Growing up in a nature-loving family in a rural Wisconsin village, Leopold’s writings and conservation ethic have always held a special place in my heart. Leopold’s A Sand County Almanac ranks high on my list of books that most influenced me, and certainly I’m hardly alone in that respect.
Over the past few summers, we’ve been spending more and more time with my family in Elkhart Lake, Wisconsin – a place where our family goes back six generations, to my great-great grandpa, who was the village blacksmith for 50 years. As a child, the sandhill cranes were long-gone from that part of the world, but over the past decade or so, the sandhill cranes have made a remarkable comeback and, when back there, I will see or hear sandhill cranes daily – something that would have seemed impossible decades ago.

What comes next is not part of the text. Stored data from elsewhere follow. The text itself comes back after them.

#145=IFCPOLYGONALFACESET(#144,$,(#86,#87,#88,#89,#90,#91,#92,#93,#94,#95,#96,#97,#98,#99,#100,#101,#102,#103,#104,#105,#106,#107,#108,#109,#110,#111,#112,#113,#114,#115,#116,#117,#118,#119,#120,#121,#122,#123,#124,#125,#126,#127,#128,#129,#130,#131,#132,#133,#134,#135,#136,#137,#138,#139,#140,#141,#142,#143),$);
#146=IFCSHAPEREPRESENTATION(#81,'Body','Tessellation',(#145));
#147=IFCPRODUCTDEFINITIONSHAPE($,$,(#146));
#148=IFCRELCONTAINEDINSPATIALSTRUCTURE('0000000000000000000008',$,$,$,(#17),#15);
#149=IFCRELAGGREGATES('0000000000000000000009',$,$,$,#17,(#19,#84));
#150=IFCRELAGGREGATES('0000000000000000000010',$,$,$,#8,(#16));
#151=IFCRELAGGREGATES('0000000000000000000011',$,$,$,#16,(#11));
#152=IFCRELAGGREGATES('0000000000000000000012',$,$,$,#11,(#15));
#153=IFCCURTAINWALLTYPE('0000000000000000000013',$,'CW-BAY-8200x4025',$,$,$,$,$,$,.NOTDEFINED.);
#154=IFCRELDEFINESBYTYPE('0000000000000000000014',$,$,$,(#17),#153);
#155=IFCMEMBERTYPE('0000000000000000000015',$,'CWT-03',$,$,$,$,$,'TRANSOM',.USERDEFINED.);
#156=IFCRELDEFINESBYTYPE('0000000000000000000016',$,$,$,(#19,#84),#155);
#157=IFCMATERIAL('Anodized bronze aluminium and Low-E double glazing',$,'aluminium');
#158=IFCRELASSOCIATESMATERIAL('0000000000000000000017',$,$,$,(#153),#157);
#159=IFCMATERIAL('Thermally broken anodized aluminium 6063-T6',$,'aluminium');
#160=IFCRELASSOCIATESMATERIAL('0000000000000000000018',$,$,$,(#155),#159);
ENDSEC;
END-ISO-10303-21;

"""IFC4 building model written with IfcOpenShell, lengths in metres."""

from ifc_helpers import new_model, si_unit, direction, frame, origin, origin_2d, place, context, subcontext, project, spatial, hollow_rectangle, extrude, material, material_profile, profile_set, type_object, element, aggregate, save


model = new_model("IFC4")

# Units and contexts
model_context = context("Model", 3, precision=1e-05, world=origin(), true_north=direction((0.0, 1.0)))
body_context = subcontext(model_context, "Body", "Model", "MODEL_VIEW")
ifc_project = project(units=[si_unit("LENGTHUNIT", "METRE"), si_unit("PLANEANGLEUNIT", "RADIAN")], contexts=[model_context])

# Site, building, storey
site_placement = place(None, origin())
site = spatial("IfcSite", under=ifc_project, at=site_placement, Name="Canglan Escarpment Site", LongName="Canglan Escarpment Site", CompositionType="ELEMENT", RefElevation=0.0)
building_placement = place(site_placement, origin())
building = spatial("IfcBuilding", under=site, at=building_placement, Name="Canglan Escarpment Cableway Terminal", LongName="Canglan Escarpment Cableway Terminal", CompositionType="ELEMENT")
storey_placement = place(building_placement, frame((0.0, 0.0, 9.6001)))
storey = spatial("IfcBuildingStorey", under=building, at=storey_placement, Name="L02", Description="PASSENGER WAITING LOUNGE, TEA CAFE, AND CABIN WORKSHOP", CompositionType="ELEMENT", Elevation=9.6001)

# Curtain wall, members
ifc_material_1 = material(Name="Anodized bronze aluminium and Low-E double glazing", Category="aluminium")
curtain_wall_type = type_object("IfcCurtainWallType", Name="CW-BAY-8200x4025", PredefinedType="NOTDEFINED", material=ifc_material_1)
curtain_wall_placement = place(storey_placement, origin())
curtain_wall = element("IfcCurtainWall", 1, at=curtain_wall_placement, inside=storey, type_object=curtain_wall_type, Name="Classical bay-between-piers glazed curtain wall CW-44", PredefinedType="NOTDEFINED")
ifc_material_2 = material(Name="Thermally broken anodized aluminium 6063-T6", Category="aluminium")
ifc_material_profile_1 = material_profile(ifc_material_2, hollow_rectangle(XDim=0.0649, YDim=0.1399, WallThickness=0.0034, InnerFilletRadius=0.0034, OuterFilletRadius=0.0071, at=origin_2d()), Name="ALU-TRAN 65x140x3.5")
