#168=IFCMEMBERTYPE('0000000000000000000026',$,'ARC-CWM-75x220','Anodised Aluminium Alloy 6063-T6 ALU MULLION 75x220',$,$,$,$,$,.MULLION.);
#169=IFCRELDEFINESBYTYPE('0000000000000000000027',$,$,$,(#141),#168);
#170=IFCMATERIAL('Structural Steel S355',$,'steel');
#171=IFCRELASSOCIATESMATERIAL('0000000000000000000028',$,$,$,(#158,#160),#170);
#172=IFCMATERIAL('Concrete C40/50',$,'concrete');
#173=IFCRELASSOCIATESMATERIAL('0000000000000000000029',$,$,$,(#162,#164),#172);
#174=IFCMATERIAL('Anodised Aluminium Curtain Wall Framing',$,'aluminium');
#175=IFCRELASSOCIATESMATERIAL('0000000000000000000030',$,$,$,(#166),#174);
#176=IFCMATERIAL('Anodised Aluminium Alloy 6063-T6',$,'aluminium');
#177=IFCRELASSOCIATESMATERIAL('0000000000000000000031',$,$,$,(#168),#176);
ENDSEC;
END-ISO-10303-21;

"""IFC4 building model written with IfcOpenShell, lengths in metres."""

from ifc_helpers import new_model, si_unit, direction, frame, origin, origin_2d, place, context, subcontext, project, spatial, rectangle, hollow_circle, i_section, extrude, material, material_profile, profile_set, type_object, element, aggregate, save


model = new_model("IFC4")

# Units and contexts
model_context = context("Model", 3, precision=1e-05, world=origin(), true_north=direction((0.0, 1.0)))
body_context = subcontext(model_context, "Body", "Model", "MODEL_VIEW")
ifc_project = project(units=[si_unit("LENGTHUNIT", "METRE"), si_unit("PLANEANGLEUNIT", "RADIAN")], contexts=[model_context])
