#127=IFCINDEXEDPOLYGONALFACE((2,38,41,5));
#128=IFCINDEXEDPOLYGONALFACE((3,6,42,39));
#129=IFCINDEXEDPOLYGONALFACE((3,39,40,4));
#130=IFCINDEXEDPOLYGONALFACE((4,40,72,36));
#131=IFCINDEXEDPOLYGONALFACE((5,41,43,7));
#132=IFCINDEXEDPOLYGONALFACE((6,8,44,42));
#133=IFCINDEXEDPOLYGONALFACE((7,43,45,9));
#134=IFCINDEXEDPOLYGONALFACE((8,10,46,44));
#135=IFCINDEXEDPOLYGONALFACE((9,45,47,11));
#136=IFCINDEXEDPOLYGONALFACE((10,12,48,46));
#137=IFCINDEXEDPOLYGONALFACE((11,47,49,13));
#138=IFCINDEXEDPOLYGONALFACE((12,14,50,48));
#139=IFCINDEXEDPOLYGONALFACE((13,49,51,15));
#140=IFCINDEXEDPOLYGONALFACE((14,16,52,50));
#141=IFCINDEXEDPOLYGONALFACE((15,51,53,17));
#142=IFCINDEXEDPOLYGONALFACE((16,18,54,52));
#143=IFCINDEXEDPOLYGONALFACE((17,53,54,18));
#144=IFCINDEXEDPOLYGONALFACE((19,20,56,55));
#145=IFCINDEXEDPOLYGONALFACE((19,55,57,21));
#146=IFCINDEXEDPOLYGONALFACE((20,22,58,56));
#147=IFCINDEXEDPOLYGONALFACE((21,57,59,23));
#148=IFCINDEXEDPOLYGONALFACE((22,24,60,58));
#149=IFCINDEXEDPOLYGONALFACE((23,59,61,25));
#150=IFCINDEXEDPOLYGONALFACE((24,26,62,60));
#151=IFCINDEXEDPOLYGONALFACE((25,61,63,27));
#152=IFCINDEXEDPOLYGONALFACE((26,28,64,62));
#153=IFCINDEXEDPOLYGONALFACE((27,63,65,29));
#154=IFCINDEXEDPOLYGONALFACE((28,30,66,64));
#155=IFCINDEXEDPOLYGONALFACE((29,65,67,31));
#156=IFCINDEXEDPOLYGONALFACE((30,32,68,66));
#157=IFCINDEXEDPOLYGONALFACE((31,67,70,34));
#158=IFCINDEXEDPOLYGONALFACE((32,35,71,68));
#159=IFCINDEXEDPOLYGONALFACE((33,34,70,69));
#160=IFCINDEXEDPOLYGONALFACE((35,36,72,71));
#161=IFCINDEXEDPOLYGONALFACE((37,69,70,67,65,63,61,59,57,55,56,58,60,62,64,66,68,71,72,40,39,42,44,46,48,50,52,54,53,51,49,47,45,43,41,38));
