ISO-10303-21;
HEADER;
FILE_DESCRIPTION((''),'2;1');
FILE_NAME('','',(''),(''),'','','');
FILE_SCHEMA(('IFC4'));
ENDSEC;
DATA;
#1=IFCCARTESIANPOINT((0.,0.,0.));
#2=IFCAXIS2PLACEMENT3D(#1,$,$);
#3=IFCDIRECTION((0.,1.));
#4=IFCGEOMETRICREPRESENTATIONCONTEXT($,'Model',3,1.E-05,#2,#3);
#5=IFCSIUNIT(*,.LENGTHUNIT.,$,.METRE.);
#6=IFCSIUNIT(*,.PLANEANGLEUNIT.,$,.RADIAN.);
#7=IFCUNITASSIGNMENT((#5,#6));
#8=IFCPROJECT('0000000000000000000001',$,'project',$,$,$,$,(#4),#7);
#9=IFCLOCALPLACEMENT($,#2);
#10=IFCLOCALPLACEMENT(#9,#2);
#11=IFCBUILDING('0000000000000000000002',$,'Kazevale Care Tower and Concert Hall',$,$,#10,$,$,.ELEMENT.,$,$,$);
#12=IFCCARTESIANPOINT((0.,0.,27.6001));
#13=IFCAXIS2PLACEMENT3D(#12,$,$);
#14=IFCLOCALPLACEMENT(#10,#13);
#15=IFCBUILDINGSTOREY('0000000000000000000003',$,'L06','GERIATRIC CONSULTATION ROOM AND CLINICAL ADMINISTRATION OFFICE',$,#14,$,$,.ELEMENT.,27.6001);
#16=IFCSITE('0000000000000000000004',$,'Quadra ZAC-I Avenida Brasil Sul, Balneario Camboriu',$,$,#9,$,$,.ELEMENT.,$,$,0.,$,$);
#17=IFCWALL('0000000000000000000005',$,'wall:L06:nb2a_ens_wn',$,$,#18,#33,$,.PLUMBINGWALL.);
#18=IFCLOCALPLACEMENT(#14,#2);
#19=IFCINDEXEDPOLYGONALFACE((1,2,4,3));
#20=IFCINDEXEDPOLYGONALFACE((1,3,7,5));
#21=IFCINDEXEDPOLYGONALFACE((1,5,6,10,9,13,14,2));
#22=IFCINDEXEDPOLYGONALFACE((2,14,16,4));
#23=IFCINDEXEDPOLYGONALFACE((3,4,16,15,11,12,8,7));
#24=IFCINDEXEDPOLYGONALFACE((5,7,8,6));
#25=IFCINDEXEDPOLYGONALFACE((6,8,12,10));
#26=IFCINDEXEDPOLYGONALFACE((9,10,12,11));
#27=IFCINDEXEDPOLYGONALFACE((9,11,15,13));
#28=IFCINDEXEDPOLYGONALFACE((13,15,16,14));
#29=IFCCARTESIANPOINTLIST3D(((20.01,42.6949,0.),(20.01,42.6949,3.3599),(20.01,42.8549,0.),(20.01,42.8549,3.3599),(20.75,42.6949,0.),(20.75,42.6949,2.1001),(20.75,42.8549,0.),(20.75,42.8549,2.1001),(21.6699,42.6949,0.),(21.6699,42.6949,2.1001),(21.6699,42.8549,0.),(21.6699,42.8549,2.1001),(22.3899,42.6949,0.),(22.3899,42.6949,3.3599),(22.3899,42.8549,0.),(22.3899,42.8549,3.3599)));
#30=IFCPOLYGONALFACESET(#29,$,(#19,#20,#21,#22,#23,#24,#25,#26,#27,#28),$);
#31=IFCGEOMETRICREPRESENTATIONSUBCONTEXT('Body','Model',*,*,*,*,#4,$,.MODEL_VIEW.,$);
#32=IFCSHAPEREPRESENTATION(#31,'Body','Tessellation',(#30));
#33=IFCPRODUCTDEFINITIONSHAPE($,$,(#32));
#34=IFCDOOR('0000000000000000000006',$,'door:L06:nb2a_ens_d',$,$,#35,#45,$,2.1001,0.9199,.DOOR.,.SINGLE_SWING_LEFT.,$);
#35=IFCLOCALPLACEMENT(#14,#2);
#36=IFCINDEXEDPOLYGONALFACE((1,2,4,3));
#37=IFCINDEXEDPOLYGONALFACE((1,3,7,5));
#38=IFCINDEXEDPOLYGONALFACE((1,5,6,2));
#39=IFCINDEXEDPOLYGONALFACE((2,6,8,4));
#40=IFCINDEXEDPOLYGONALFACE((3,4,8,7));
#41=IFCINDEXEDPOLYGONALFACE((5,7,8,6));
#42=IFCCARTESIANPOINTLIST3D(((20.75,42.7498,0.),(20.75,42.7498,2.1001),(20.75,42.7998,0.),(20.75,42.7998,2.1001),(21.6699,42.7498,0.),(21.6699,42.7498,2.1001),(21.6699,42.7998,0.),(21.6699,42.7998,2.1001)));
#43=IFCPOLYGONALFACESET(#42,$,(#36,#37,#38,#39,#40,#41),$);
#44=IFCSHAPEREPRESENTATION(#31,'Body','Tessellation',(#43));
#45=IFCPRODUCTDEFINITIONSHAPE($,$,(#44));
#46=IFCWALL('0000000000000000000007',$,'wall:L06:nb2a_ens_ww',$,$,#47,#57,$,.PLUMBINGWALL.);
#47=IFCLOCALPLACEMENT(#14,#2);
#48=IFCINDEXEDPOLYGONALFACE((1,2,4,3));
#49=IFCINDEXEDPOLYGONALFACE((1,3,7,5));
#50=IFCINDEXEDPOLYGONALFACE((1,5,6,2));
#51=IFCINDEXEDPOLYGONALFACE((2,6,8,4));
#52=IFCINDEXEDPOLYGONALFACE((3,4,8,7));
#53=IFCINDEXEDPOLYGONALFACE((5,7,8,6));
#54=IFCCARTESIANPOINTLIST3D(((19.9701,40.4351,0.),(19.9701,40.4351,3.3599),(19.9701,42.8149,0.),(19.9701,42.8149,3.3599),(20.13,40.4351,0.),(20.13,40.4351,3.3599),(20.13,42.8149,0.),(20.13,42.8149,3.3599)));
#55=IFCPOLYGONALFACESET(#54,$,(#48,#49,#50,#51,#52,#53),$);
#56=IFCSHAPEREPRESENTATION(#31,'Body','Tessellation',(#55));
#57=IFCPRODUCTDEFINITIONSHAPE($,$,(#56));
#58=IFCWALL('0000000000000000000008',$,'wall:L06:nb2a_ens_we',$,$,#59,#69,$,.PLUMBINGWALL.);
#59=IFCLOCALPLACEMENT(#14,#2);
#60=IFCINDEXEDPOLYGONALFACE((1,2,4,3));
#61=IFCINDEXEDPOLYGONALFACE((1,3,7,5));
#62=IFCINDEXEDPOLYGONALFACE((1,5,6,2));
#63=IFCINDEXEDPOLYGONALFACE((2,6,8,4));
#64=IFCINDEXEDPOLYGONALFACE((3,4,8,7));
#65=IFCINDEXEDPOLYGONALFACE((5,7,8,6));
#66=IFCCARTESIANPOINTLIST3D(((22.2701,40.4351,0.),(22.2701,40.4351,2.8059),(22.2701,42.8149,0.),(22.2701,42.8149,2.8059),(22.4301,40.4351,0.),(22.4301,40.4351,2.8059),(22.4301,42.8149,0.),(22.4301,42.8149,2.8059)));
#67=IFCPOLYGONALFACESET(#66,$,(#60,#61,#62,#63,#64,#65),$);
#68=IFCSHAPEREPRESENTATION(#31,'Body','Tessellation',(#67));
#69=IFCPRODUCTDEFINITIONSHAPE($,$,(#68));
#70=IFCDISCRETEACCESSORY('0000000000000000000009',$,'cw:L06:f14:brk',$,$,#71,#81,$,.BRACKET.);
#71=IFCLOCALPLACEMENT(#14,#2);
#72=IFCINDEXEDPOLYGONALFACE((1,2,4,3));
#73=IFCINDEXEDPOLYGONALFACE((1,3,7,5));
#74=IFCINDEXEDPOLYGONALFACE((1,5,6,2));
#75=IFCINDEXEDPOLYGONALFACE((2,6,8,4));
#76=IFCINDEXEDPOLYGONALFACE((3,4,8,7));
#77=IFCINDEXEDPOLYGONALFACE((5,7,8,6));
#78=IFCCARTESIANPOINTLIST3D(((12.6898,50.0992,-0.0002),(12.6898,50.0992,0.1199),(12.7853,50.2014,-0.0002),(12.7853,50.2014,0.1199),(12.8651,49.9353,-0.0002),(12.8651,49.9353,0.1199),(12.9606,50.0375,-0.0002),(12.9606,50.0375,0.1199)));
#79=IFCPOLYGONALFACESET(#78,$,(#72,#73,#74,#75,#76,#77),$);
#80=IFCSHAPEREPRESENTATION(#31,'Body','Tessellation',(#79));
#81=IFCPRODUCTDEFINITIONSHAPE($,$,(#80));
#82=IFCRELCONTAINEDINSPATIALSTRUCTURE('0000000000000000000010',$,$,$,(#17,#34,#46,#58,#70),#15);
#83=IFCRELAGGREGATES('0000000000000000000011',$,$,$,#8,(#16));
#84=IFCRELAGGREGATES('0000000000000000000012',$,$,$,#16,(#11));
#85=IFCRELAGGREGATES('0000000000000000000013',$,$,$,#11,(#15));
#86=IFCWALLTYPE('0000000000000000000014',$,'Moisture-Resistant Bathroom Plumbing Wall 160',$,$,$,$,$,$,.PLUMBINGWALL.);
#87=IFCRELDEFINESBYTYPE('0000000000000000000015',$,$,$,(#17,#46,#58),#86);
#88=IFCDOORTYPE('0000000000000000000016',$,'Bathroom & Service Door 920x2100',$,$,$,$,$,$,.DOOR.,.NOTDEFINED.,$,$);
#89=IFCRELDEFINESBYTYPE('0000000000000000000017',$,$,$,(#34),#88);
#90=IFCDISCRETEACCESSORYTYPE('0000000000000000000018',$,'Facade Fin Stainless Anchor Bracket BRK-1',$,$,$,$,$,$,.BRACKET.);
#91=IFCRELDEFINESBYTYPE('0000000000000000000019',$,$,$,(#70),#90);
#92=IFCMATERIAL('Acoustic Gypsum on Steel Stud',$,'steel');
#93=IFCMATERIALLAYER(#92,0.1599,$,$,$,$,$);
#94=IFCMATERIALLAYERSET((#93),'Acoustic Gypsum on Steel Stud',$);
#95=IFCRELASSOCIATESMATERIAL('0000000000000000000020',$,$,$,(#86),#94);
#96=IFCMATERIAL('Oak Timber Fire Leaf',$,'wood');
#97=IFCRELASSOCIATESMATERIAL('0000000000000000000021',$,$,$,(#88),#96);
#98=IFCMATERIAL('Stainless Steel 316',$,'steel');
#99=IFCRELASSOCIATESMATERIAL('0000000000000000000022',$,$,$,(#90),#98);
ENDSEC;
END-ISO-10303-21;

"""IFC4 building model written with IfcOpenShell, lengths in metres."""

from ifc_helpers import new_model, si_unit, direction, frame, frame_2d, origin, origin_2d, place, context, subcontext, project, spatial, rectangle, extrude, material, layer, layer_set, type_object, element, fill, save


model = new_model("IFC4")

# Units and contexts
model_context = context("Model", 3, precision=1e-05, world=origin(), true_north=direction((0.0, 1.0)))
body_context = subcontext(model_context, "Body", "Model", "MODEL_VIEW")
ifc_project = project(units=[si_unit("LENGTHUNIT", "METRE"), si_unit("PLANEANGLEUNIT", "RADIAN")], contexts=[model_context])

# Site, building, storey
site_placement = place(None, origin())
site = spatial("IfcSite", under=ifc_project, at=site_placement, Name="Quadra ZAC-I Avenida Brasil Sul, Balneario Camboriu", CompositionType="ELEMENT", RefElevation=0.0)
building_placement = place(site_placement, origin())
building = spatial("IfcBuilding", under=site, at=building_placement, Name="Kazevale Care Tower and Concert Hall", CompositionType="ELEMENT")
storey_placement = place(building_placement, frame((0.0, 0.0, 27.6001)))
storey = spatial("IfcBuildingStorey", under=building, at=storey_placement, Name="L06", Description="GERIATRIC CONSULTATION ROOM AND CLINICAL ADMINISTRATION OFFICE", CompositionType="ELEMENT", Elevation=27.6001)

# Shared definitions
ifc_material_1 = material(Name="Oak Timber Fire Leaf", Category="wood")

# Shared definitions
ifc_material_2 = material(Name="Acoustic Gypsum on Steel Stud", Category="steel")
ifc_layer_1 = layer(ifc_material_2, 0.1599)
ifc_layer_set_1 = layer_set([ifc_layer_1], Name="Acoustic Gypsum on Steel Stud")
wall_type_1 = type_object("IfcWallType", Name="Moisture-Resistant Bathroom Plumbing Wall 160", PredefinedType="PLUMBINGWALL", material=ifc_layer_set_1)

# Wall, opening, door
wall_1_placement = place(storey_placement, frame((20.01, 42.7749, 0.0), z_axis=(0.0, 0.0, 1.0), x_axis=(1.0, 0.0, 0.0)))
wall_1 = element("IfcWall", 1, at=wall_1_placement, inside=storey, type_object=wall_type_1, Name="wall:L06:nb2a_ens_wn", PredefinedType="PLUMBINGWALL", context=body_context, shape_type="SweptSolid", body=[
    extrude(rectangle(XDim=2.3799, YDim=0.1599, at=frame_2d((1.1899, 0.0))), origin(), (0.0, 0.0, 1.0), 3.3599),
])
opening_1_placement = place(wall_1_placement, frame((0.74, 0.0, 0.0)))
opening_1 = element("IfcOpeningElement", 2, at=opening_1_placement, cuts=wall_1, PredefinedType="OPENING", context=body_context, shape_type="SweptSolid", body=[
    extrude(rectangle(XDim=0.9199, YDim=2.1001, at=frame_2d((0.46, 1.05))), frame((0.0, 0.0898, 0.0), z_axis=(0.0, -1.0, 0.0), x_axis=(1.0, 0.0, 0.0)), (0.0, 0.0, 1.0), 0.1799),
])
door_type_1 = type_object("IfcDoorType", Name="Bathroom & Service Door 920x2100", OperationType="NOTDEFINED", PredefinedType="DOOR", material=ifc_material_1)
door_1_placement = place(opening_1_placement, origin())
door_1 = element("IfcDoor", 3, at=door_1_placement, inside=storey, type_object=door_type_1, Name="door:L06:nb2a_ens_d", OperationType="SINGLE_SWING_LEFT", OverallHeight=2.1001, OverallWidth=0.9199, PredefinedType="DOOR", context=body_context, shape_type="SweptSolid", body=[
    extrude(rectangle(XDim=0.9199, YDim=2.1001, at=frame_2d((0.46, 1.05))), frame((0.0, 0.0249, 0.0), z_axis=(0.0, -1.0, 0.0), x_axis=(1.0, 0.0, 0.0)), (0.0, 0.0, 1.0), 0.05),
])
fill(opening_1, door_1)

# Walls
wall_2_placement = place(storey_placement, frame((20.05, 40.4351, 0.0), z_axis=(0.0, 0.0, 1.0), x_axis=(0.0, 1.0, 0.0)))
element("IfcWall", 4, at=wall_2_placement, inside=storey, type_object=wall_type_1, Name="wall:L06:nb2a_ens_ww", PredefinedType="PLUMBINGWALL", context=body_context, shape_type="SweptSolid", body=[
    extrude(rectangle(XDim=2.3799, YDim=0.1599, at=frame_2d((1.1899, 0.0))), origin(), (0.0, 0.0, 1.0), 3.3599),
])
wall_3_placement = place(storey_placement, frame((22.3501, 40.4351, 0.0), z_axis=(0.0, 0.0, 1.0), x_axis=(0.0, 1.0, 0.0)))
element("IfcWall", 5, at=wall_3_placement, inside=storey, type_object=wall_type_1, Name="wall:L06:nb2a_ens_we", PredefinedType="PLUMBINGWALL", context=body_context, shape_type="SweptSolid", body=[
    extrude(rectangle(XDim=2.3799, YDim=0.1599, at=frame_2d((1.1899, 0.0))), origin(), (0.0, 0.0, 1.0), 2.8059),
])

# Discrete accessory
ifc_material_3 = material(Name="Stainless Steel 316", Category="steel")
discrete_accessory_type = type_object("IfcDiscreteAccessoryType", Name="Facade Fin Stainless Anchor Bracket BRK-1", PredefinedType="BRACKET", material=ifc_material_3)
discrete_accessory_placement = place(storey_placement, frame((12.8252, 50.0684, -0.0002), z_axis=(0.0, 0.0, 1.0), x_axis=(-0.730401, 0.683019, 0.0)))
element("IfcDiscreteAccessory", 6, at=discrete_accessory_placement, inside=storey, type_object=discrete_accessory_type, Name="cw:L06:f14:brk", PredefinedType="BRACKET", context=body_context, shape_type="SweptSolid", body=[
    extrude(rectangle(XDim=0.24, YDim=0.1399, at=origin_2d()), origin(), (0.0, 0.0, 1.0), 0.1201),
])

save(model, "model.ifc")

To this day, when I hear the eerie, somewhat haunting and pre-historic, calls of the sandhill cranes I think of Aldo Leopold and offer my thanks and praise for his life’s work.
If you get a chance this weekend, pick up your copy of A Sand County Almanac and let Leopold’s words mesmerize and flow over you. A great video on the life and legacy of Aldo Leopold has also just been released. You can watch a nice 12 minute trailer here: http://vimeo.com/8669977.
Below are two of Leopold’s quotes, which really touch me, as I’m sure they do others.
“We abuse land because we regard it as a commodity belonging to us. When we see land as a community to which we belong, we may begin to use it with love and respect.”
“We reached the old wolf in time to watch a fierce green fire dying in her eyes. I was young then, and full of trigger itch. I thought that because fewer wolves meant more deer, that no wolves would mean hunter’s paradise. But after seeing the green fire die, I sensed that neither the wolf, nor the mountain, agreed with such a view.”